Apparatus, as recited in claim 1, wherein said operating ratchet (350) is mounted internally of said housing (16).
Apparatus, as recited in claim 1 or 2, wherein said operating ratchet (350) is engaging said detent pawl (92) during the chain winding process, said operating ratchet (350) replacing said detent ratchet (58).
Apparatus, as recited in any one of claims 1 to 3, wherein said application cylinder (320) is pivotally mounted on said mounting bracket (310) at said cylinder pivot.
Apparatus, as recited in any one of claims 1 to 4, wherein said application cylinder (320) has a diameter of approximately 6,2 cm (2.5").
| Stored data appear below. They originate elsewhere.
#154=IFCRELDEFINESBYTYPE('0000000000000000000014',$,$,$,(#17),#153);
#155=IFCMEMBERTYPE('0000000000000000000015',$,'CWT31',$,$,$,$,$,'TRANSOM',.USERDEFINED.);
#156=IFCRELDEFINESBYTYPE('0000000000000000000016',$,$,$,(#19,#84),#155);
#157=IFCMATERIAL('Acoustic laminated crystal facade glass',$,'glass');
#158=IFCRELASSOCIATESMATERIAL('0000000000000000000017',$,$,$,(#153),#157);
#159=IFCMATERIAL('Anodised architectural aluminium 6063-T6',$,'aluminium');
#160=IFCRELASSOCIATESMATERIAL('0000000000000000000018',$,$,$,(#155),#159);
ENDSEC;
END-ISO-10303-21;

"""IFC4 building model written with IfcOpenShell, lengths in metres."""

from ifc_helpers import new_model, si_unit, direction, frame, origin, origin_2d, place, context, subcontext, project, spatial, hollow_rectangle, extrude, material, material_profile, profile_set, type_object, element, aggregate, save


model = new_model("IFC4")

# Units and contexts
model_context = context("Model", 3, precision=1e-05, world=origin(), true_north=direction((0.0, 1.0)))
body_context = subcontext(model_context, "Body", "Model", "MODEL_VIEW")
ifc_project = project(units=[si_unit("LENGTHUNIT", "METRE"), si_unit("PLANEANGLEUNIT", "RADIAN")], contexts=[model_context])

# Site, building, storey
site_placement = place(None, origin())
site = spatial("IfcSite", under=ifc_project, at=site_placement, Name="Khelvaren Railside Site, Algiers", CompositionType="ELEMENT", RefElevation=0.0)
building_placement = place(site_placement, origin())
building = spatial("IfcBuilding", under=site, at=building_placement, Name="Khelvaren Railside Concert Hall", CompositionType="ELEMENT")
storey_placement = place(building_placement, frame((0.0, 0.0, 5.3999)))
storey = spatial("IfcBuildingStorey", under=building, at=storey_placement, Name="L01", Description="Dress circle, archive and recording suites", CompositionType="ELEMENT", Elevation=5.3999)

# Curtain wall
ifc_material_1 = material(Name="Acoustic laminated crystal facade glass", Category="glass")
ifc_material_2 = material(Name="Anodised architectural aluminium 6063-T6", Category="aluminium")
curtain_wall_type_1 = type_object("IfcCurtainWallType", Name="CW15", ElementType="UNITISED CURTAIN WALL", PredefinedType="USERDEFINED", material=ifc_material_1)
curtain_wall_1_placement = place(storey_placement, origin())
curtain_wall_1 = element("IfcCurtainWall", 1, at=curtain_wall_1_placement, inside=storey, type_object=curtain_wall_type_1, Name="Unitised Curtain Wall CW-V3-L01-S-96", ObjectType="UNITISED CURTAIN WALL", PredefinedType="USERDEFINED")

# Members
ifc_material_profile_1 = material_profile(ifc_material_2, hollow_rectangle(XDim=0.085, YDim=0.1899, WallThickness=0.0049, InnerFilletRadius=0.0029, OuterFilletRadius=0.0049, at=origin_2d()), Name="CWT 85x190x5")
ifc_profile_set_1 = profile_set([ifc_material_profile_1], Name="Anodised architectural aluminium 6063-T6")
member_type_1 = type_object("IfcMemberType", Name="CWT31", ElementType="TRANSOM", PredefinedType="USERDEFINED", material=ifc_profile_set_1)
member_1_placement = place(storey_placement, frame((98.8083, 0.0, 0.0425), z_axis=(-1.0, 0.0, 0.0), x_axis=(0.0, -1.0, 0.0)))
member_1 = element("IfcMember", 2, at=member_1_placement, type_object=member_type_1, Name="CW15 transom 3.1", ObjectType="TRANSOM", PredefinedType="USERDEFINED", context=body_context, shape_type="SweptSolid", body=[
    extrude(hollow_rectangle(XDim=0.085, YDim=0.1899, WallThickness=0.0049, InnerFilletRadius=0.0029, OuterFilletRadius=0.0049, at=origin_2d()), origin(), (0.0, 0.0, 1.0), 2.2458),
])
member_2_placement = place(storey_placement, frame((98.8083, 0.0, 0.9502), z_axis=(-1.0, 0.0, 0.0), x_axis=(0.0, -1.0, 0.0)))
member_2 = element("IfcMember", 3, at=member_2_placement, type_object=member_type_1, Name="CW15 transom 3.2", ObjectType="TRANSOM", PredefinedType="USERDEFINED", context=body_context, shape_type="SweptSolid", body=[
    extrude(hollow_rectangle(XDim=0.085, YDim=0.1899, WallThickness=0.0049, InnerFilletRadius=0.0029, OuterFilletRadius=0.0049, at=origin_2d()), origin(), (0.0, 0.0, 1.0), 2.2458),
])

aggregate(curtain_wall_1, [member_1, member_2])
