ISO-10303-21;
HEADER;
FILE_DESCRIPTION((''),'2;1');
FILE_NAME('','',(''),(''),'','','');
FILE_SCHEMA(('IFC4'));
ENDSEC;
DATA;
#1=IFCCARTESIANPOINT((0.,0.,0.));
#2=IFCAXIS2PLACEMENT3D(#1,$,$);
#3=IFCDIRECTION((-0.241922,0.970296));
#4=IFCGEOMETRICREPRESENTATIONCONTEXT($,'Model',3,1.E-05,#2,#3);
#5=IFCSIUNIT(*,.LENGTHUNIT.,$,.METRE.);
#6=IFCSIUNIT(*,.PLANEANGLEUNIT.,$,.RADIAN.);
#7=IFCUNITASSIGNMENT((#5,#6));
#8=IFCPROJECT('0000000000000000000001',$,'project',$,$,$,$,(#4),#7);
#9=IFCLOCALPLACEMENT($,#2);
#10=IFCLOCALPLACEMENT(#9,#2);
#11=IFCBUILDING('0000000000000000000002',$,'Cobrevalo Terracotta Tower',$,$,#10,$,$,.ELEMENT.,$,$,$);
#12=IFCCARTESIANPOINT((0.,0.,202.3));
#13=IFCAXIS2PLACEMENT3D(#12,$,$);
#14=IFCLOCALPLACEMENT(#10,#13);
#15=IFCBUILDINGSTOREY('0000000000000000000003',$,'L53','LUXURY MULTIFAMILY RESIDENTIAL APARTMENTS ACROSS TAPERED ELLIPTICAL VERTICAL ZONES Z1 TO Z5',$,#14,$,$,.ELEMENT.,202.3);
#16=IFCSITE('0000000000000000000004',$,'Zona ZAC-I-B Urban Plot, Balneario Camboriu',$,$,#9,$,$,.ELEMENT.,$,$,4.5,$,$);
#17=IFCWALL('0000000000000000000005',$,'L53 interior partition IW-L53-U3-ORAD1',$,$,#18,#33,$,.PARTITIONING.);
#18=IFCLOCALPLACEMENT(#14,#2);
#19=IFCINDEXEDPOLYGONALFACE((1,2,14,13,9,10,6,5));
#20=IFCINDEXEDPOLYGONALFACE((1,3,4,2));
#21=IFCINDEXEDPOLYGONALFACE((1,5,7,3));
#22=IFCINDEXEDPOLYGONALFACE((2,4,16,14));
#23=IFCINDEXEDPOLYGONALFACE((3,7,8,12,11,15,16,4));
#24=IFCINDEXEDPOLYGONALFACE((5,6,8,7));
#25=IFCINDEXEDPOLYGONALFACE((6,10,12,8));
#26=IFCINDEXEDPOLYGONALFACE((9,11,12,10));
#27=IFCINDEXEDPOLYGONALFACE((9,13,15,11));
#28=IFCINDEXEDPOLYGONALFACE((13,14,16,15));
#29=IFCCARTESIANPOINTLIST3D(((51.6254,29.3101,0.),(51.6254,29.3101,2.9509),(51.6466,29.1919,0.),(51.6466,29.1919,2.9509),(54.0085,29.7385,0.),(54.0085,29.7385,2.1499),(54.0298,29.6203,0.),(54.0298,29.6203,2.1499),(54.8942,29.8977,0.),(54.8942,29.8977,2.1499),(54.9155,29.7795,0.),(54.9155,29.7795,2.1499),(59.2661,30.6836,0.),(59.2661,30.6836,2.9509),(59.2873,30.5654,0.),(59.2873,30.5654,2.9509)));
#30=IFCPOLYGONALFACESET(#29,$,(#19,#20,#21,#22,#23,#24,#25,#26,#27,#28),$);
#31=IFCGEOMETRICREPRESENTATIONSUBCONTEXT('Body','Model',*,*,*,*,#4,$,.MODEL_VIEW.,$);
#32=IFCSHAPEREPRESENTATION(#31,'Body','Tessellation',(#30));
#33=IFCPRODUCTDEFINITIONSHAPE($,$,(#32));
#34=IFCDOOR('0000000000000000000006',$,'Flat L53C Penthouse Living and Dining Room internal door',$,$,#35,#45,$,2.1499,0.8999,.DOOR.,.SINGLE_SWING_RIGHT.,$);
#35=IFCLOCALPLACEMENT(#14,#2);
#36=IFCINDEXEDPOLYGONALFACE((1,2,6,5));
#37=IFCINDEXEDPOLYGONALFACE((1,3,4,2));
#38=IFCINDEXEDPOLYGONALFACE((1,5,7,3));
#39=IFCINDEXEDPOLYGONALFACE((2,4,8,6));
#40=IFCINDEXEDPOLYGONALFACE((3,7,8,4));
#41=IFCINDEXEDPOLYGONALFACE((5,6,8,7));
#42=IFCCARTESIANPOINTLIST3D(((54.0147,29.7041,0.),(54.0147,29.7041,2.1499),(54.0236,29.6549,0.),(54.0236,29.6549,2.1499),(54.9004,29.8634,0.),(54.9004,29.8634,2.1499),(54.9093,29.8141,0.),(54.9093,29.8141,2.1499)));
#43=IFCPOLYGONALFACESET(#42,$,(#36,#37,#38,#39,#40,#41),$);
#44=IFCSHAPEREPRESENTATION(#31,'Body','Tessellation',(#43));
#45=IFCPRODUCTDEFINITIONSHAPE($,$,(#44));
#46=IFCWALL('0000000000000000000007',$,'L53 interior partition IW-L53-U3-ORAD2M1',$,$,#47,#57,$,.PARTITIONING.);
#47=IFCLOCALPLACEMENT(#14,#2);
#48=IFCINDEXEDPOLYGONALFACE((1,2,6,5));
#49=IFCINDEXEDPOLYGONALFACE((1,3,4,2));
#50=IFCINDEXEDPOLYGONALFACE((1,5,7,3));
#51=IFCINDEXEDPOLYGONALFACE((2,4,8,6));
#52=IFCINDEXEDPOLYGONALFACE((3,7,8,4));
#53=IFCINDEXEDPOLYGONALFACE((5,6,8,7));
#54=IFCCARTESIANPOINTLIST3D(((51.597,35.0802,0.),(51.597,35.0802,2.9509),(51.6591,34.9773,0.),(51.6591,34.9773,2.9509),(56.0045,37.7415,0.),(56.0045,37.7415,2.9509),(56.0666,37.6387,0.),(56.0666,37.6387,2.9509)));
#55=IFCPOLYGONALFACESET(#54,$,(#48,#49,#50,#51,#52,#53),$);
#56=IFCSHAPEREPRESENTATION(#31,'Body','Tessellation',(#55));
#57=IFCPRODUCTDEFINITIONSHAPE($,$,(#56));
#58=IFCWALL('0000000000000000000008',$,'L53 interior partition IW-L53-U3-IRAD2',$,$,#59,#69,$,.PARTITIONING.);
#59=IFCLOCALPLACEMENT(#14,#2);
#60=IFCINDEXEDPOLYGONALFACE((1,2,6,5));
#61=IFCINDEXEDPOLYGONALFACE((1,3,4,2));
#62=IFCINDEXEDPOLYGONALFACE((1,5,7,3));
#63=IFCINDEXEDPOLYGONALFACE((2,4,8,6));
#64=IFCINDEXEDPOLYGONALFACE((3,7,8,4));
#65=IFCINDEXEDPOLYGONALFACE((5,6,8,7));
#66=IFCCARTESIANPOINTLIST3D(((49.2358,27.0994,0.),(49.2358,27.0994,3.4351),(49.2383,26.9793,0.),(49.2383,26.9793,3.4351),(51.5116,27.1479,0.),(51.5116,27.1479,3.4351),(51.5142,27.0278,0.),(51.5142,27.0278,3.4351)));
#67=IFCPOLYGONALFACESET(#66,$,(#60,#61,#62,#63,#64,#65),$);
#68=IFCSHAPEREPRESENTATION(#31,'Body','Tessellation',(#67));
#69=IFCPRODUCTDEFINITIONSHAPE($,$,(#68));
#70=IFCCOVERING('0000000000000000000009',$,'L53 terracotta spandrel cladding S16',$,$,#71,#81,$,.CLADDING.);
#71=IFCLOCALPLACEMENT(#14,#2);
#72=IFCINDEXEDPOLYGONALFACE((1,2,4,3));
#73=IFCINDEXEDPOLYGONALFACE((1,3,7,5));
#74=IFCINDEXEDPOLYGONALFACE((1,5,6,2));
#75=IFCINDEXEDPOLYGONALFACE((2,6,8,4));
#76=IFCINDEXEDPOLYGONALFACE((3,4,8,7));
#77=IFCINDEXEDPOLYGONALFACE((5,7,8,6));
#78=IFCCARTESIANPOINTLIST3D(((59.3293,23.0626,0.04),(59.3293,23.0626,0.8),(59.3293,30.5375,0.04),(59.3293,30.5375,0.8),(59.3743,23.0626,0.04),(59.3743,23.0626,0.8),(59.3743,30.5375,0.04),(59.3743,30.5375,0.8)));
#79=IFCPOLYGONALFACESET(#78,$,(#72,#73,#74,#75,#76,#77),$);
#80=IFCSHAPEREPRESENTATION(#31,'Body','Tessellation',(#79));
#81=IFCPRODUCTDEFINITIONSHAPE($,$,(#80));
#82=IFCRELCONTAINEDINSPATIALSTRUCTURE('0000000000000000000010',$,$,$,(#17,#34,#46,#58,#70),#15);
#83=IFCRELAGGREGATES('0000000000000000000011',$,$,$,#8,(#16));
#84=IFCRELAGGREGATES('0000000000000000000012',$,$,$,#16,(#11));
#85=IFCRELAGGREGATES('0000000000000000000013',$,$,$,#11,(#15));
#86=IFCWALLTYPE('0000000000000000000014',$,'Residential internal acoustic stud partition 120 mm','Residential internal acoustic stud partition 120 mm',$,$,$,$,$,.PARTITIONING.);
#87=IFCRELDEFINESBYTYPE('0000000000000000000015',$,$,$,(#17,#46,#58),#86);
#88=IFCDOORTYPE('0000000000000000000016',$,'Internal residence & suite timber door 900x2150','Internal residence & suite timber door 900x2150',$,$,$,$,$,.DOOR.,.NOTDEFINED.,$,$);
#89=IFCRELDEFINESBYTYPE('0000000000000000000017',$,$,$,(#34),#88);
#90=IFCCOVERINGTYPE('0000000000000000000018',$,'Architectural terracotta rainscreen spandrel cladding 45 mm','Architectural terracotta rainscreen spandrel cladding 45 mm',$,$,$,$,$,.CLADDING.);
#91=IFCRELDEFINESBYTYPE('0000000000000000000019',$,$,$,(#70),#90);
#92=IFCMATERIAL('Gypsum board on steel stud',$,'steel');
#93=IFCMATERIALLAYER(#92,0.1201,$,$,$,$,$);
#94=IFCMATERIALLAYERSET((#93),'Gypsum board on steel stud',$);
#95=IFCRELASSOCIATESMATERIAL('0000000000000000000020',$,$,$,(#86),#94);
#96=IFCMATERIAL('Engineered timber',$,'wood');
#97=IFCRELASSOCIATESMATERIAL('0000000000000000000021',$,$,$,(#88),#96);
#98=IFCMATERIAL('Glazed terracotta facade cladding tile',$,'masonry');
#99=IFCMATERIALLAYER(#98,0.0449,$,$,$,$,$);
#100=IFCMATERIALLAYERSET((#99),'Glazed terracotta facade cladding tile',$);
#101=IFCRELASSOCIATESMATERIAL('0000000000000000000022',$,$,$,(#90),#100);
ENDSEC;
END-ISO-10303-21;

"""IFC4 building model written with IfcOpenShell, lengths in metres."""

from ifc_helpers import new_model, si_unit, direction, frame, frame_2d, origin, origin_2d, place, context, subcontext, project, spatial, rectangle, extrude, source, transform, mapped, material, layer, layer_set, type_object, element, fill, save


model = new_model("IFC4")

# Units and contexts
model_context = context("Model", 3, precision=1e-05, world=origin(), true_north=direction((-0.241922, 0.970296)))
body_context = subcontext(model_context, "Body", "Model", "MODEL_VIEW")
ifc_project = project(units=[si_unit("LENGTHUNIT", "METRE"), si_unit("PLANEANGLEUNIT", "RADIAN")], contexts=[model_context])

# Site, building, storey
site_placement = place(None, origin())
site = spatial("IfcSite", under=ifc_project, at=site_placement, Name="Zona ZAC-I-B Urban Plot, Balneario Camboriu", CompositionType="ELEMENT", RefElevation=4.5)
building_placement = place(site_placement, origin())
building = spatial("IfcBuilding", under=site, at=building_placement, Name="Cobrevalo Terracotta Tower", CompositionType="ELEMENT")
storey_placement = place(building_placement, frame((0.0, 0.0, 202.3)))
storey = spatial("IfcBuildingStorey", under=building, at=storey_placement, Name="L53", Description="LUXURY MULTIFAMILY RESIDENTIAL APARTMENTS ACROSS TAPERED ELLIPTICAL VERTICAL ZONES Z1 TO Z5", CompositionType="ELEMENT", Elevation=202.3)

# Wall, opening, door
ifc_material_1 = material(Name="Gypsum board on steel stud", Category="steel")
ifc_layer_1 = layer(ifc_material_1, 0.1201)
ifc_layer_set_1 = layer_set([ifc_layer_1], Name="Gypsum board on steel stud")
wall_type = type_object("IfcWallType", Name="Residential internal acoustic stud partition 120 mm", Description="Residential internal acoustic stud partition 120 mm", PredefinedType="PARTITIONING", material=ifc_layer_set_1)
wall_1_placement = place(storey_placement, frame((51.636, 29.251, 0.0), z_axis=(0.0, 0.0, 1.0), x_axis=(0.984223, 0.176931, 0.0)))
wall_1 = element("IfcWall", 1, at=wall_1_placement, inside=storey, type_object=wall_type, Name="L53 interior partition IW-L53-U3-ORAD1", PredefinedType="PARTITIONING", context=body_context, shape_type="SweptSolid", body=[
    extrude(rectangle(XDim=7.7632, YDim=0.1201, at=frame_2d((3.8816, 0.0))), origin(), (0.0, 0.0, 1.0), 2.9509),
])
opening_1_placement = place(wall_1_placement, frame((2.4214, 0.0, 0.0)))
opening_1 = element("IfcOpeningElement", 2, at=opening_1_placement, cuts=wall_1, PredefinedType="OPENING", context=body_context, shape_type="SweptSolid", body=[
    extrude(rectangle(XDim=0.8999, YDim=2.1499, at=frame_2d((0.45, 1.075))), frame((0.0, 0.0701, 0.0), z_axis=(0.0, -1.0, 0.0), x_axis=(1.0, 0.0, 0.0)), (0.0, 0.0, 1.0), 0.1401),
])
ifc_material_2 = material(Name="Engineered timber", Category="wood")
door_type_1 = type_object("IfcDoorType", Name="Internal residence & suite timber door 900x2150", Description="Internal residence & suite timber door 900x2150", OperationType="NOTDEFINED", PredefinedType="DOOR", material=ifc_material_2)
shared_shape_1 = source(origin(), body_context, "Body", "SweptSolid", [
    extrude(rectangle(XDim=0.8999, YDim=2.1499, at=frame_2d((0.45, 1.075))), frame((0.0, 0.0249, 0.0), z_axis=(0.0, -1.0, 0.0), x_axis=(1.0, 0.0, 0.0)), (0.0, 0.0, 1.0), 0.05),
])
door_1_placement = place(opening_1_placement, frame((0.8999, 0.0, 0.0), z_axis=(0.0, 0.0, 1.0), x_axis=(-1.0, 0.0, 0.0)))
door_1 = element("IfcDoor", 3, at=door_1_placement, inside=storey, type_object=door_type_1, Name="Flat L53C Penthouse Living and Dining Room internal door", OperationType="SINGLE_SWING_RIGHT", OverallHeight=2.1499, OverallWidth=0.8999, PredefinedType="DOOR", context=body_context, shape_type="MappedRepresentation", body=[
    mapped(shared_shape_1, transform((0.0, 0.0, 0.0), scale=1.0)),
])
fill(opening_1, door_1)

# Walls
wall_2_placement = place(storey_placement, frame((51.6282, 35.0288, 0.0), z_axis=(0.0, 0.0, 1.0), x_axis=(0.856042, 0.516906, 0.0)))
element("IfcWall", 4, at=wall_2_placement, inside=storey, type_object=wall_type, Name="L53 interior partition IW-L53-U3-ORAD2M1", PredefinedType="PARTITIONING", context=body_context, shape_type="SweptSolid", body=[
    extrude(rectangle(XDim=5.1487, YDim=0.1201, at=frame_2d((2.5742, 0.0))), origin(), (0.0, 0.0, 1.0), 2.9509),
])
wall_3_placement = place(storey_placement, frame((49.2371, 27.0393, 0.0), z_axis=(0.0, 0.0, 1.0), x_axis=(0.999772, 0.021342, 0.0)))
element("IfcWall", 5, at=wall_3_placement, inside=storey, type_object=wall_type, Name="L53 interior partition IW-L53-U3-IRAD2", PredefinedType="PARTITIONING", context=body_context, shape_type="SweptSolid", body=[
    extrude(rectangle(XDim=2.2764, YDim=0.1201, at=frame_2d((1.1382, 0.0))), origin(), (0.0, 0.0, 1.0), 3.4351),
])

# Covering
ifc_material_3 = material(Name="Glazed terracotta facade cladding tile", Category="masonry")
ifc_layer_2 = layer(ifc_material_3, 0.0449)
ifc_layer_set_2 = layer_set([ifc_layer_2], Name="Glazed terracotta facade cladding tile")
covering_type = type_object("IfcCoveringType", Name="Architectural terracotta rainscreen spandrel cladding 45 mm", Description="Architectural terracotta rainscreen spandrel cladding 45 mm", PredefinedType="CLADDING", material=ifc_layer_set_2)
shared_shape_2 = source(origin(), body_context, "Body", "SweptSolid", [
    extrude(rectangle(XDim=7.4749, YDim=0.0449, at=origin_2d()), origin(), (0.0, 0.0, 1.0), 0.76),
])
covering_placement = place(storey_placement, frame((59.3518, 26.8, 0.04), z_axis=(0.0, 0.0, 1.0), x_axis=(0.0, 1.0, 0.0)))
element("IfcCovering", 6, at=covering_placement, inside=storey, type_object=covering_type, Name="L53 terracotta spandrel cladding S16", PredefinedType="CLADDING", context=body_context, shape_type="MappedRepresentation", body=[
    mapped(shared_shape_2, transform((0.0, 0.0, 0.0), scale=1.0)),
])

save(model, "model.ifc")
Apparatus, as recited in any one of claims 1 to 5, further including a friction reducing means disposed adjacent said operating ratchet (350) and said drive arm (340) are provided to substantially reduce friction upon rotation of said drive arm (340) .
Apparatus, as recited in claim 6, wherein said friction reducing means includes:
(a) a first spacer having a flange mounted between said operating ratchet (350) and said drive arm (340), said first spacer substantially reducing friction during rotation of said drive arm (340), said flange disposed between said drive arm (340) and said drive shaft (24) for substantially reducing the friction between said drive arm (340) and said drive shaft (24) during the rotation thereof; and

(b) a second spacer mounted between said drive arm (340) and said housing (16), said second spacer substantially reducing friction during rotation of said drive arm (340).
The combination, as recited in claim 7, wherein said first and second spacers are made of brass.
The combination, as recited in claim 7, wherein said first and second spacers are made of plastic material having friction reducing properties.
The combination, as recited in any one of claims 1 to 9, wherein at least one wave spring is mounted between said operating ratchet and said hand wheel (22) for preventing movement of said operating ratchet (350) and said drive arm (340) along the axis of said drive shaft (24).